Unnamed: 0,backers_count,blurb,country,id,name,slug,state,usd_pledged,category_name,creator_name,location_name,location_state,created_at_rd,deadline_rd,launched_at_rd,state_changed_at_rd,usd_goal,duration_days,d_pledged_goal_usd,state_successful
0,47,A colorful Dia de los Muertos themed oracle de...,US,928751314,The Ofrenda Oracle Deck,the-ofrenda-oracle-deck,successful,1950.0,Playing Cards,Lisa Vollrath,Euless,TX,Wed Aug 2 16:28:13 2017,Sat Sep 9 19:00:59 2017,Thu Aug 10 19:00:59 2017,Sat Sep 9 19:00:59 2017,1000.0,30.0,950.0,1
1,271,"Electra's long awaited, eclectic Debut Pop/Roc...",US,928014092,"Record Electra's Debut Album (Pop, Rock, Class...",record-electras-debut-album-pop-rock-classical,successful,22404.0,Rock,Electra,Hollywood,CA,Sun Sep 30 08:45:33 2012,Wed Jun 12 07:03:15 2013,Mon May 13 07:03:15 2013,Wed Jun 12 07:03:15 2013,15000.0,30.0,7404.0,1


## Visualisation

In [4]:
df.columns

Index(['backers_count', 'blurb', 'country', 'id', 'name', 'slug', 'state',
       'usd_pledged', 'category_name', 'creator_name', 'location_name',
       'location_state', 'created_at_rd', 'deadline_rd', 'launched_at_rd',
       'state_changed_at_rd', 'usd_goal', 'duration_days',
       'd_pledged_goal_usd', 'state_successful'],
      dtype='object')

## Modelling

In [5]:
# Global random_state
rand = 1

# Define variables
X = df[['usd_goal', 'backers_count', 'state_successful']]
y = df['usd_pledged']

#y = np.array(df_new.pop('state'))

In [6]:
# Splitting the model into test and train data
X_train, X_test, y_train, y_test = train_test_split(X, y, test_size=0.25, random_state=rand)

### Scaling x-values

In [7]:
# Define columns to scale
col_scale = ['backers_count', 'usd_goal']

# Scale columns
scaler = RobustScaler()
X_train_scaled = scaler.fit_transform(X_train[col_scale])
X_test_scaled = scaler.transform(X_test[col_scale])

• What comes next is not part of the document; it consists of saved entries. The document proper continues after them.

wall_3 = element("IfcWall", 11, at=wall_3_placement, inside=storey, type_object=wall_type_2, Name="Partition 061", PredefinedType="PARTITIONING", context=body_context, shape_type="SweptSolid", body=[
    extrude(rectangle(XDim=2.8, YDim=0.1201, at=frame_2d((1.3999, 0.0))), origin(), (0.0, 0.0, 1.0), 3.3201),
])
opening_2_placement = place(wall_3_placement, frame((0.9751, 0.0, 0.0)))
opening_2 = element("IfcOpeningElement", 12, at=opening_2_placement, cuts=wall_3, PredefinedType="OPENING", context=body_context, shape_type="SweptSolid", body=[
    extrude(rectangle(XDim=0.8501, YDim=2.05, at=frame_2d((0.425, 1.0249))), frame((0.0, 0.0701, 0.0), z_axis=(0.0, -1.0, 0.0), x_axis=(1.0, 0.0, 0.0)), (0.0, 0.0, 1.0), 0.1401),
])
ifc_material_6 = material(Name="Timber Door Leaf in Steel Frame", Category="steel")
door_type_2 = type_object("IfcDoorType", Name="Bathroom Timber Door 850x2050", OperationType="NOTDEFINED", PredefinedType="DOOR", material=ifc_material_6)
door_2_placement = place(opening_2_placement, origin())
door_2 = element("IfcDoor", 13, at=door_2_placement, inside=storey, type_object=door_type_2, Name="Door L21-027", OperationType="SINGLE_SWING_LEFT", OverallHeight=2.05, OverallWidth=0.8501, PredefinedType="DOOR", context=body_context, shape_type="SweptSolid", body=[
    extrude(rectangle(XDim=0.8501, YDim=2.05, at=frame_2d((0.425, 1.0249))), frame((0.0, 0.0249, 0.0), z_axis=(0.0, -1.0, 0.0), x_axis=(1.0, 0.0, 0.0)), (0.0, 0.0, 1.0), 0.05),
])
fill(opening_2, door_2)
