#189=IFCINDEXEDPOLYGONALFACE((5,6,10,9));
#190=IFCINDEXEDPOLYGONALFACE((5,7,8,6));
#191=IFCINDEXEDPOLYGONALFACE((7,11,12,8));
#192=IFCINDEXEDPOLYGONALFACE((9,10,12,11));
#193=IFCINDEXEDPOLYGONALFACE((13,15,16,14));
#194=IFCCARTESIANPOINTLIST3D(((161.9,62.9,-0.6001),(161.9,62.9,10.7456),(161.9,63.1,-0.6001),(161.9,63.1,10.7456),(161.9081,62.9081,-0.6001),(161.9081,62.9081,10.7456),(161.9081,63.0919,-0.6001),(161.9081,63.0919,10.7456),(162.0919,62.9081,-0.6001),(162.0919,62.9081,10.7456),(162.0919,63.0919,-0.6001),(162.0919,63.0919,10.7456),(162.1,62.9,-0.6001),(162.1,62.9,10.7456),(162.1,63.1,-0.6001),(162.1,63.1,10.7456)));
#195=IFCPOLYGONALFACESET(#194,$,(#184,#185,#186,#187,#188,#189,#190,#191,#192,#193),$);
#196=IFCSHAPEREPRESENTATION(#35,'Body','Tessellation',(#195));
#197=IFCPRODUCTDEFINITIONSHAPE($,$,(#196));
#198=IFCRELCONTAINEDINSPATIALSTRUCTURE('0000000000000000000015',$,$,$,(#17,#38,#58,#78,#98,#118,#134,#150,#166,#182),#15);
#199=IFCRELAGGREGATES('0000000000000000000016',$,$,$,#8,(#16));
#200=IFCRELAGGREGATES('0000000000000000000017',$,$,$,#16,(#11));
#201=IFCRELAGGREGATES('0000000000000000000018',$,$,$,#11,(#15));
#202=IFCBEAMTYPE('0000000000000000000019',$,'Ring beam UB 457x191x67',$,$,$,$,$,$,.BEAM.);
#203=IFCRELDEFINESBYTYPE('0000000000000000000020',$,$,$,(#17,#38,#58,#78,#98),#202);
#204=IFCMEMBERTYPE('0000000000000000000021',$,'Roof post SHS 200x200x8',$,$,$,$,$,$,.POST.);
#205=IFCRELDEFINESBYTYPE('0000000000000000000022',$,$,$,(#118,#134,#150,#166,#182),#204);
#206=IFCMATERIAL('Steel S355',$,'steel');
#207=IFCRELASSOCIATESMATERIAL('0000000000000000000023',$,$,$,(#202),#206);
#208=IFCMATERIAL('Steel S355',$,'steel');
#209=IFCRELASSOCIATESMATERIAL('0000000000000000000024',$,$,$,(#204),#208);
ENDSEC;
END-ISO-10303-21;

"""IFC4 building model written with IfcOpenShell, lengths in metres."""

# Concatenating scaled and dummy columns 
X_train_preprocessed = np.concatenate([X_train_scaled, X_train.drop(col_scale, axis=1)], axis=1)
X_test_preprocessed = np.concatenate([X_test_scaled, X_test.drop(col_scale, axis=1)], axis=1)

In [8]:
# Define columns to scale
#col_scale = ['usd_pledged']

# Scale columns
#scaler = RobustScaler()
#y_train_scaled = scaler.transform(y_train[col_scale])
#y_test_scaled = scaler.transform(y_test[col_scale])

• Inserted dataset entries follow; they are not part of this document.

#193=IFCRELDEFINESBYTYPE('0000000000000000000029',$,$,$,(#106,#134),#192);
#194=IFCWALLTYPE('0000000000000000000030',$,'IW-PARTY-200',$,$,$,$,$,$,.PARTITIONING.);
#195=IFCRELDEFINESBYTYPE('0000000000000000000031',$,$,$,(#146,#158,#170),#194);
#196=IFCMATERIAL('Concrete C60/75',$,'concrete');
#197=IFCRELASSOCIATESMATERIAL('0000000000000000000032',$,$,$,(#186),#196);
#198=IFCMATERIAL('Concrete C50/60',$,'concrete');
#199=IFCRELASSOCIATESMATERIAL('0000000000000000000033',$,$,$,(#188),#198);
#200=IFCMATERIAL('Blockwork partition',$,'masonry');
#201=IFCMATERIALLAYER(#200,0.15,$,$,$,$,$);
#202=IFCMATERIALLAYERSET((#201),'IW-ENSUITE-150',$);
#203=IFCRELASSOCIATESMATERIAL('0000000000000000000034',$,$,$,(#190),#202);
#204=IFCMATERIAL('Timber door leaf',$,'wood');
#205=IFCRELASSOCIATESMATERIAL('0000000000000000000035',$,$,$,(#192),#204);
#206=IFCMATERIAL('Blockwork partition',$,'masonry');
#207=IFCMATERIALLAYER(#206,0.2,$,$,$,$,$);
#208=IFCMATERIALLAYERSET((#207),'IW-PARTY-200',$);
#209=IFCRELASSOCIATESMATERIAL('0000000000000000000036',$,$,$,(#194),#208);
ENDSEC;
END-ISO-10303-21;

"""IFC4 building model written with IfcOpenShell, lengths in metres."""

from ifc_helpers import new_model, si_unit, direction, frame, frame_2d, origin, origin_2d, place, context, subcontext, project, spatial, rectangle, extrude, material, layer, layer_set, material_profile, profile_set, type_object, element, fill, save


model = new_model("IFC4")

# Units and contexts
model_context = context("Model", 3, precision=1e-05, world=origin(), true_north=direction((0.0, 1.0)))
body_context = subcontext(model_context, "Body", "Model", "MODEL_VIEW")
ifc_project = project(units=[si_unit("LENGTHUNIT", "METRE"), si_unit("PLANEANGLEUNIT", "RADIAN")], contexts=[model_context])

# Concatenating scaled and dummy columns 
#y_train_preprocessed = np.concatenate([y_train_scaled, y_train.drop(col_scale, axis=1)], axis=1)
#y_test_preprocessed = np.concatenate([y_test_scaled, y_test.drop(col_scale, axis=1)], axis=1)

In [9]:
# Prevent ValueError: Unknown label type: 'continuous'

#lab_enc = preprocessing.LabelEncoder()
#y_train_encoded = lab_enc.fit_transform(y_train)
#print(y_train_encoded)
#print(utils.multiclass.type_of_target(y_train))
#print(utils.multiclass.type_of_target(y_train.astype('int')))
#print(utils.multiclass.type_of_target(y_train_encoded))

In [10]:
# Train the model
rforest = RandomForestRegressor(max_features='sqrt', n_estimators=200, n_jobs=1,
                                 verbose=1, random_state=rand)
rforest.fit(X_train_scaled, y_train)

[Parallel(n_jobs=1)]: Using backend SequentialBackend with 1 concurrent workers.
[Parallel(n_jobs=1)]: Done 200 out of 200 | elapsed:   17.5s finished


RandomForestRegressor(max_features='sqrt', n_estimators=200, n_jobs=1,
                      random_state=1, verbose=1)

In [11]:
y_pred = rforest.predict(X_test_scaled)

[Parallel(n_jobs=1)]: Using backend SequentialBackend with 1 concurrent workers.
[Parallel(n_jobs=1)]: Done 200 out of 200 | elapsed:    2.5s finished


## Model Evaluation

In [12]:
print('Mean Absolute Error:', metrics.mean_absolute_error(y_test, y_pred))
print('Mean Squared Error:', metrics.mean_squared_error(y_test, y_pred))
print('Root Mean Squared Error:', np.sqrt(metrics.mean_squared_error(y_test, y_pred)))
print('Mean of usd_pledged:', df.usd_pledged.mean())

Mean Absolute Error: 6090.130405353872
Mean Squared Error: 2578174633.9328074
Root Mean Squared Error: 50775.72878780577
Mean of usd_pledged: 12297.144432358278


## Model Optimization

In [13]:
r2 = r2_score(y_test, y_pred, multioutput='uniform_average')
r2

0.647510376918945

R Square measures how much of variability in dependent variable can be explained by the model.